在 2022/5/7 9:55, Yanjun Zhu 写道:
在 2022/5/7 9:29, Jason Gunthorpe 写道:
On Sat, May 07, 2022 at 08:29:31AM +0800, Yanjun Zhu wrote:
If I try to run the SRP test 002 with the soft-RoCE driver, the
following appears:
[ 749.901966] ================================
[ 749.903638] WARNING: inconsistent lock state
[ 749.905376] 5.18.0-rc5-dbg+ #1 Not tainted
[ 749.907039] --------------------------------
[ 749.908699] inconsistent {SOFTIRQ-ON-W} -> {IN-SOFTIRQ-W} usage.
[ 749.910646] ksoftirqd/5/40 [HC0[0]:SC1[1]:HE0:SE0] takes:
[ 749.912499] ffff88818244d350 (&xa->xa_lock#14){+.?.}-{2:2}, at:
rxe_pool_get_index+0x73/0x170 [rdma_rxe]
[ 749.914691] {SOFTIRQ-ON-W} state was registered at:
[ 749.916648] __lock_acquire+0x45b/0xce0
[ 749.918599] lock_acquire+0x18a/0x450
[ 749.920480] _raw_spin_lock+0x34/0x50
[ 749.922580] __rxe_add_to_pool+0xcc/0x140 [rdma_rxe]

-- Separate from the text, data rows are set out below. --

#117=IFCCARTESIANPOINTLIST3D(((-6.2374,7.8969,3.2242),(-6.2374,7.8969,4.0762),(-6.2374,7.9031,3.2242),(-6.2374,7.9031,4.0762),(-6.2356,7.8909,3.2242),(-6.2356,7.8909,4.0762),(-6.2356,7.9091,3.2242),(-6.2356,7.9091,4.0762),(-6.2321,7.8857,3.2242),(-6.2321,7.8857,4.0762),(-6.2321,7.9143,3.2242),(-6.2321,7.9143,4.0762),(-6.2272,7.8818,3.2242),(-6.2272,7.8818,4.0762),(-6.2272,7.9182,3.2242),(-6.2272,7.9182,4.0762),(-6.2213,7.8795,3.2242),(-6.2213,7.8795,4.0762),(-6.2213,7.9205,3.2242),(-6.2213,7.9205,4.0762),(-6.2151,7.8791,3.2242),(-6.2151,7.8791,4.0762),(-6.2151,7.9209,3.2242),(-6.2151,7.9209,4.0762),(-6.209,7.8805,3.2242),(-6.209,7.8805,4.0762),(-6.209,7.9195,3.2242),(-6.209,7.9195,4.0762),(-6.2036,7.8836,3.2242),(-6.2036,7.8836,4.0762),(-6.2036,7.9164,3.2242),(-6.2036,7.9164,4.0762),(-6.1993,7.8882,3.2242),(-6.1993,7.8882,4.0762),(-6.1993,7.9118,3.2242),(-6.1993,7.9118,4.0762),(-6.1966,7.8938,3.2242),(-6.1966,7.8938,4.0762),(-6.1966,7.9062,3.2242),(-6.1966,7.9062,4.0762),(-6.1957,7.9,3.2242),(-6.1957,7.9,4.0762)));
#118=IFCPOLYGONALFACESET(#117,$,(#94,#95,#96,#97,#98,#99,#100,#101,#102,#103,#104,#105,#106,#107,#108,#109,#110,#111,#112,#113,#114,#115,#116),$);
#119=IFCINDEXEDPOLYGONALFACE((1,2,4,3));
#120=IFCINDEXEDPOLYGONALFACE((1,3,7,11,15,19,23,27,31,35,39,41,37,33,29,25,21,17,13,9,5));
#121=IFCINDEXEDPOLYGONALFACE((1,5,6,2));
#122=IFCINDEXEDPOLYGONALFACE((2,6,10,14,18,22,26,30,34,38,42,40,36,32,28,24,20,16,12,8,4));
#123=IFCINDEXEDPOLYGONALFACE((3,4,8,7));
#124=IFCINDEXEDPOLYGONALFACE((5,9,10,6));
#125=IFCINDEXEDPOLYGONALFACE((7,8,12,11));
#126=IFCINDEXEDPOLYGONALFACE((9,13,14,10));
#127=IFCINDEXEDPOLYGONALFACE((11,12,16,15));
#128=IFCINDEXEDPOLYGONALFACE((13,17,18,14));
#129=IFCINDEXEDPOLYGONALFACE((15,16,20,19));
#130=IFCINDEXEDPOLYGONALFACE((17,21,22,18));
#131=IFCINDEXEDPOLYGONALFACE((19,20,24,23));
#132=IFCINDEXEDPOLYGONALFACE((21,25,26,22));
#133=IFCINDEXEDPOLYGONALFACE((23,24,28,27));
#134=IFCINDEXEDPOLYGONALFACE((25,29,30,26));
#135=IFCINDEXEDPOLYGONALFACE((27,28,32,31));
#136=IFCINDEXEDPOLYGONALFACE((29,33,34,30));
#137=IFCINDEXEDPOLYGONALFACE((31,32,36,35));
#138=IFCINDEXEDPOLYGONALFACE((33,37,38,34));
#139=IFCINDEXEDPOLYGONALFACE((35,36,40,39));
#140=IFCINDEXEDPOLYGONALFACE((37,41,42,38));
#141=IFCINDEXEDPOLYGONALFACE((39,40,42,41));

[ 749.924583] rxe_alloc_pd+0x2d/0x40 [rdma_rxe]
[ 749.926394] __ib_alloc_pd+0xa3/0x270 [ib_core]
[ 749.928579] ib_mad_port_open+0x44a/0x790 [ib_core]
[ 749.930640] ib_mad_init_device+0x8e/0x110 [ib_core]
[ 749.932495] add_client_context+0x26a/0x330 [ib_core]
[ 749.934302] enable_device_and_get+0x169/0x2b0 [ib_core]
[ 749.936217] ib_register_device+0x26f/0x330 [ib_core]
[ 749.938020] rxe_register_device+0x1b4/0x1d0 [rdma_rxe]
[ 749.939794] rxe_add+0x8c/0xc0 [rdma_rxe]
[ 749.941552] rxe_net_add+0x5b/0x90 [rdma_rxe]
[ 749.943356] rxe_newlink+0x71/0x80 [rdma_rxe]
[ 749.945182] nldev_newlink+0x21e/0x370 [ib_core]
[ 749.946917] rdma_nl_rcv_msg+0x200/0x410 [ib_core]
[ 749.948657] rdma_nl_rcv+0x140/0x220 [ib_core]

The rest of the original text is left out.